St. Aelred of Rievaulx

(1110 - 1167)

Aelred, one of the most notable of English monks, was born into a noble family at Hexham in northern England. Having received a very good classical education, he spent some time in the court of David I, King of Scotland.

All in the royal Scots court admired him for his talent and even more for his gentle personality. An illustration: once, in the presence of the king, another courtier insulted Aelred, accusing him of many misdeeds. Aelred listened patiently. Then, when his accuser had finished, he quietly thanked him for his charity in telling him his faults. The accuser was so surprised by Aelred’s perfect humility that he forthwith asked him to forgive his intemperate remarks.

Even by that time the future saint was pondering a vocation to the monastic life. He hesitated to enter a monastery because it would have meant giving up the companionship of his many friends. Gradually, however, he came to see in his very hesitation a cowardly attachment to human beings rather than to God.

At age 24, therefore, he went back to England and asked admission into the Cistercian Abbey of Rievaulx. Rievaulx monastery had been established about two years before by a disciple of St. Bernard of Clairvaux (1090-1153), the second founder of the Cistercian monks. Aelred took to the Cistercian (Trappist) rigors like a fish to water. The strict rule was to mold him, and he in turn would help to mold the Cistercian spirit.

Father Aelred’s many gifts, natural and supernatural, were to attract the attention of his fellow Cistercians. In 1142 he was elected abbot of a new daughter monastery at Revesby, England. Five years later, he was brought back to RievauIx to head that abbey of some 300 monks. He accepted both promotions with reluctance. He knew that they would involve giving up much of his beloved silence. But of course he proved ideal for the role, accepting its duties as a cluster of necessary crosses.

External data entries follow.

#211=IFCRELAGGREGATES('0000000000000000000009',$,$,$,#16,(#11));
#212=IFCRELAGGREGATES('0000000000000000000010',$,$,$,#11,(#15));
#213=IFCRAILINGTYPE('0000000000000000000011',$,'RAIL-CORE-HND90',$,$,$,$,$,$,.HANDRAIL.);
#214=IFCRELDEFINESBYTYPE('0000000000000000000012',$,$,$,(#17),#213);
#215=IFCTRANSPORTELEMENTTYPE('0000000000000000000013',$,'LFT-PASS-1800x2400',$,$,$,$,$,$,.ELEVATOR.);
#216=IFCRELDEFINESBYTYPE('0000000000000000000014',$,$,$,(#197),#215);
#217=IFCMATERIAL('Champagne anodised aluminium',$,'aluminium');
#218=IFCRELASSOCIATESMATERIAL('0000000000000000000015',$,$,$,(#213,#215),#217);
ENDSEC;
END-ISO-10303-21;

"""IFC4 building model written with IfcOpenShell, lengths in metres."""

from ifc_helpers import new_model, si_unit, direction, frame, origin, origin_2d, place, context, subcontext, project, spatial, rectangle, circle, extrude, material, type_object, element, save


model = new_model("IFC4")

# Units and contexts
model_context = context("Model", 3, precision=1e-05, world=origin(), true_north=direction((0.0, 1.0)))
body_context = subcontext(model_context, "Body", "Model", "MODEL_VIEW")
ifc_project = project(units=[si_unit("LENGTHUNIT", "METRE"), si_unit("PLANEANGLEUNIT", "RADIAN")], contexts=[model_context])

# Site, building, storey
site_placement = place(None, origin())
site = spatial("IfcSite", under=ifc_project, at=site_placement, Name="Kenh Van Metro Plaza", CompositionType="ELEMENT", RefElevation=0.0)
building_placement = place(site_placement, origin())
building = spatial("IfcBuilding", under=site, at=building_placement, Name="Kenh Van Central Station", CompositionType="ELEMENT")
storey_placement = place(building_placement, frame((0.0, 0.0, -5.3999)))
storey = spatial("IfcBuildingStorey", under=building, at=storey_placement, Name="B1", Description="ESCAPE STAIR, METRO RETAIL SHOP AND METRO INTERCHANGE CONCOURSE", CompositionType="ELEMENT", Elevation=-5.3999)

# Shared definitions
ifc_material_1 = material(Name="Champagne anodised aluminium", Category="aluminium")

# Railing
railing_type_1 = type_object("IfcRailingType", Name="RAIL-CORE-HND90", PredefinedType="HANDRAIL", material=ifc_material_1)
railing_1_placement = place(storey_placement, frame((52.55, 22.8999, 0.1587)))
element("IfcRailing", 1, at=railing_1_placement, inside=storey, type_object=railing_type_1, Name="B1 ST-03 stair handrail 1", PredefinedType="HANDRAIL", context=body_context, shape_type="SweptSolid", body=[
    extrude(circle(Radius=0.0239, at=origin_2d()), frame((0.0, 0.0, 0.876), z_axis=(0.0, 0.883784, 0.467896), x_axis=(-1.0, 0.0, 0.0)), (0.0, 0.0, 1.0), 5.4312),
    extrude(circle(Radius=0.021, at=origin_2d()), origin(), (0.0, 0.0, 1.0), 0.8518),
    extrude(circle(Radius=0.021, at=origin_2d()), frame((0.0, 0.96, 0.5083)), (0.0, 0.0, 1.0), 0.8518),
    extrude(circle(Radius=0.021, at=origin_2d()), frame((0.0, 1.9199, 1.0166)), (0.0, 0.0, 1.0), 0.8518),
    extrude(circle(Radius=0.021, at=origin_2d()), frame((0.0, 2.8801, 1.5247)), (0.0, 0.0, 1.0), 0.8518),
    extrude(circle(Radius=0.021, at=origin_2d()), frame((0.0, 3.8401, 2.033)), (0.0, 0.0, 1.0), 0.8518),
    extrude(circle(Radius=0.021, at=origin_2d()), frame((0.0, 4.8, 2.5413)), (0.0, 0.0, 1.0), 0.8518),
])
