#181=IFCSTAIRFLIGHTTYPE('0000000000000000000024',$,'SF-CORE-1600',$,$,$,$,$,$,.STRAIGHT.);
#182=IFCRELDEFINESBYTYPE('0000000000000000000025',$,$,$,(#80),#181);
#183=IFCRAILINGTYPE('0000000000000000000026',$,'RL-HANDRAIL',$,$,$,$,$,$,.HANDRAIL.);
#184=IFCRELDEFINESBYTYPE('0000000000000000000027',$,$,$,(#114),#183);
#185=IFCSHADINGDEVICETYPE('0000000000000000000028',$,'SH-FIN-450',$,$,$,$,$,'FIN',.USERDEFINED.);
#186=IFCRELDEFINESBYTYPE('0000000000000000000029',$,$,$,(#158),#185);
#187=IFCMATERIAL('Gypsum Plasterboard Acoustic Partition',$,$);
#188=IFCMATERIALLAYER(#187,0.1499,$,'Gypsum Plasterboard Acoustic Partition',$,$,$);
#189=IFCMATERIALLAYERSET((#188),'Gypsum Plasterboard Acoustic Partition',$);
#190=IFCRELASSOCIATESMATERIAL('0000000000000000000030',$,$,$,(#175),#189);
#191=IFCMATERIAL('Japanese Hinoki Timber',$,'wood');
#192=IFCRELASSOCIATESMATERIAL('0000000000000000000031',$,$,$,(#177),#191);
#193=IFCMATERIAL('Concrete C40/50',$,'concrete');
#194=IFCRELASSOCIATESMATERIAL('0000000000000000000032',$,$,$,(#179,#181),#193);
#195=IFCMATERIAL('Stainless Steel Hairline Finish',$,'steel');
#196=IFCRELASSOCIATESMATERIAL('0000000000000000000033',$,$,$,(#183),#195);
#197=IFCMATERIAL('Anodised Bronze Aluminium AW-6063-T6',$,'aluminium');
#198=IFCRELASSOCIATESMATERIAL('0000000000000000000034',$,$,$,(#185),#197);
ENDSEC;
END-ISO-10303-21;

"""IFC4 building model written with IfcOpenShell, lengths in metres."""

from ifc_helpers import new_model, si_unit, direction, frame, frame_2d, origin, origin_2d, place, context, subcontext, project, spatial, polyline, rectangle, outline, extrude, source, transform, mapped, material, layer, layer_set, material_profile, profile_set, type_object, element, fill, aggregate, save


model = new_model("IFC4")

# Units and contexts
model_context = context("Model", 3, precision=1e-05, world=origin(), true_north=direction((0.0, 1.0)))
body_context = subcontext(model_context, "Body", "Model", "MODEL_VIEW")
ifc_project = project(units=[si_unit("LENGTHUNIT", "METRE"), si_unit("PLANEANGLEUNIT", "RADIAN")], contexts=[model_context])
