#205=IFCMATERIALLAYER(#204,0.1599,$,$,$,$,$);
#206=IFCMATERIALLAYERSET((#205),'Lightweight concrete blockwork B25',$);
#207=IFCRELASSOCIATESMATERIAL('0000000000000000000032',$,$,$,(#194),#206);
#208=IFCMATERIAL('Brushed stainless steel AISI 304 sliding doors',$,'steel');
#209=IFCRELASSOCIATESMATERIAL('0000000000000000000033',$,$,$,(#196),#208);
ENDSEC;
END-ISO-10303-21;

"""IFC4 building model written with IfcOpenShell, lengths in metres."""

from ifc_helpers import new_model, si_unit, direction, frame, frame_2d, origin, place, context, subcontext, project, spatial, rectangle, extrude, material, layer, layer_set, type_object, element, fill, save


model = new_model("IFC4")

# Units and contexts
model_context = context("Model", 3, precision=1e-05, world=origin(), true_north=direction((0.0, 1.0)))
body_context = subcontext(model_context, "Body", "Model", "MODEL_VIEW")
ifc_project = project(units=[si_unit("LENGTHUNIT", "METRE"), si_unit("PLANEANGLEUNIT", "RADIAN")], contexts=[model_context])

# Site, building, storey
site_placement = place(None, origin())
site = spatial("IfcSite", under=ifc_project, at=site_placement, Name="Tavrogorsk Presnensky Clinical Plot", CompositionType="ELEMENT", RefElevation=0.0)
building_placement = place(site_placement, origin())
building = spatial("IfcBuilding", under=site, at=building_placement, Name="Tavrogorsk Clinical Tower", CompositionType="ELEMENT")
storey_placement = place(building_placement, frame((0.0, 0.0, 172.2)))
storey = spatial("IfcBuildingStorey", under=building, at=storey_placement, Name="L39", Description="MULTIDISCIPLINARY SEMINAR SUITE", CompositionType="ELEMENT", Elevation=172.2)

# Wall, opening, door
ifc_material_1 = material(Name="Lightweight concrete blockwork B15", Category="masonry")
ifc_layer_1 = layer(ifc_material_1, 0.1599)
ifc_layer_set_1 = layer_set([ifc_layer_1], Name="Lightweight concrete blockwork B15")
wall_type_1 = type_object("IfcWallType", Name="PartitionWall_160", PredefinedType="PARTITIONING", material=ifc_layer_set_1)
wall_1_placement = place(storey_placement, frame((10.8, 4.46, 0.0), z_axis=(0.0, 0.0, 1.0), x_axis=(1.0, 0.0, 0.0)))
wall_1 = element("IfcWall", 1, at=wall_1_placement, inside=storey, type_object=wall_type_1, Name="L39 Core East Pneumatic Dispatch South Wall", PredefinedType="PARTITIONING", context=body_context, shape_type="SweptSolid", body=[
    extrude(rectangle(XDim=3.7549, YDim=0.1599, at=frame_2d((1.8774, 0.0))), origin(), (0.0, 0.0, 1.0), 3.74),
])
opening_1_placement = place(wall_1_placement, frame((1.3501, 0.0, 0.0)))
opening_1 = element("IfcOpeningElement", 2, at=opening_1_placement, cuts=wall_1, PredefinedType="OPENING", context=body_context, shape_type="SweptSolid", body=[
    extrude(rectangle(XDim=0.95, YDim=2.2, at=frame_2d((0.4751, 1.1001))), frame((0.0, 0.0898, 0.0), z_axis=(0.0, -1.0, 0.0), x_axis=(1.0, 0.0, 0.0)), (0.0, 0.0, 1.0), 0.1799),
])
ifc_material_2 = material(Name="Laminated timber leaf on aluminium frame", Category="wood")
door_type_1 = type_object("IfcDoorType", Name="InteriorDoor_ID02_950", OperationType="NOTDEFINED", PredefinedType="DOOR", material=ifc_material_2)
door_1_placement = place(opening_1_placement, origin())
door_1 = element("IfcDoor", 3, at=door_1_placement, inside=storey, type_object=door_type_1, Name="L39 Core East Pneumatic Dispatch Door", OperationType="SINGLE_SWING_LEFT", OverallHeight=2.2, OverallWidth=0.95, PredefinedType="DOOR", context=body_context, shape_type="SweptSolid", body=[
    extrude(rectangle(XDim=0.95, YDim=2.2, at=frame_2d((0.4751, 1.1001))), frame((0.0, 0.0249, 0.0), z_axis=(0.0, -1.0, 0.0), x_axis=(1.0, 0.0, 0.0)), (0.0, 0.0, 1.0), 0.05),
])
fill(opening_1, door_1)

As superior, nobody was stricter than Abbot Aelred, yet he ruled with winning gentleness. One of his major contributions to the monastic life and to spiritual life in general was his writings, one of which St. Bernard himself commissioned him to compose. They were theologically precise and fervent, yet their simplicity and literary expression made them very appealing. As a monastic leader, a learned man and a writer, Aelred naturally moved in the circles of abbots and bishops and kings. But he in no way allowed fame to turn his head. Like his master St. Bernard of Clairvaux, he refused more than once to accept an appointment to a bishopric.

Although Aelred was physically very infirm in his last years, his disciples were deeply grieved to lose him to death, so much did they love him. In his writing on Spiritual Friendship, the saint had once written a passage that could be used to describe the writer himself: He was one “whom I might fitly call friendship’s child, for his whole occupation was to love and to be loved.”

No wonder St. Aelred of Rievaulx, canonized, apparently, in 1191, was hailed as “the St. Bernard of the North.”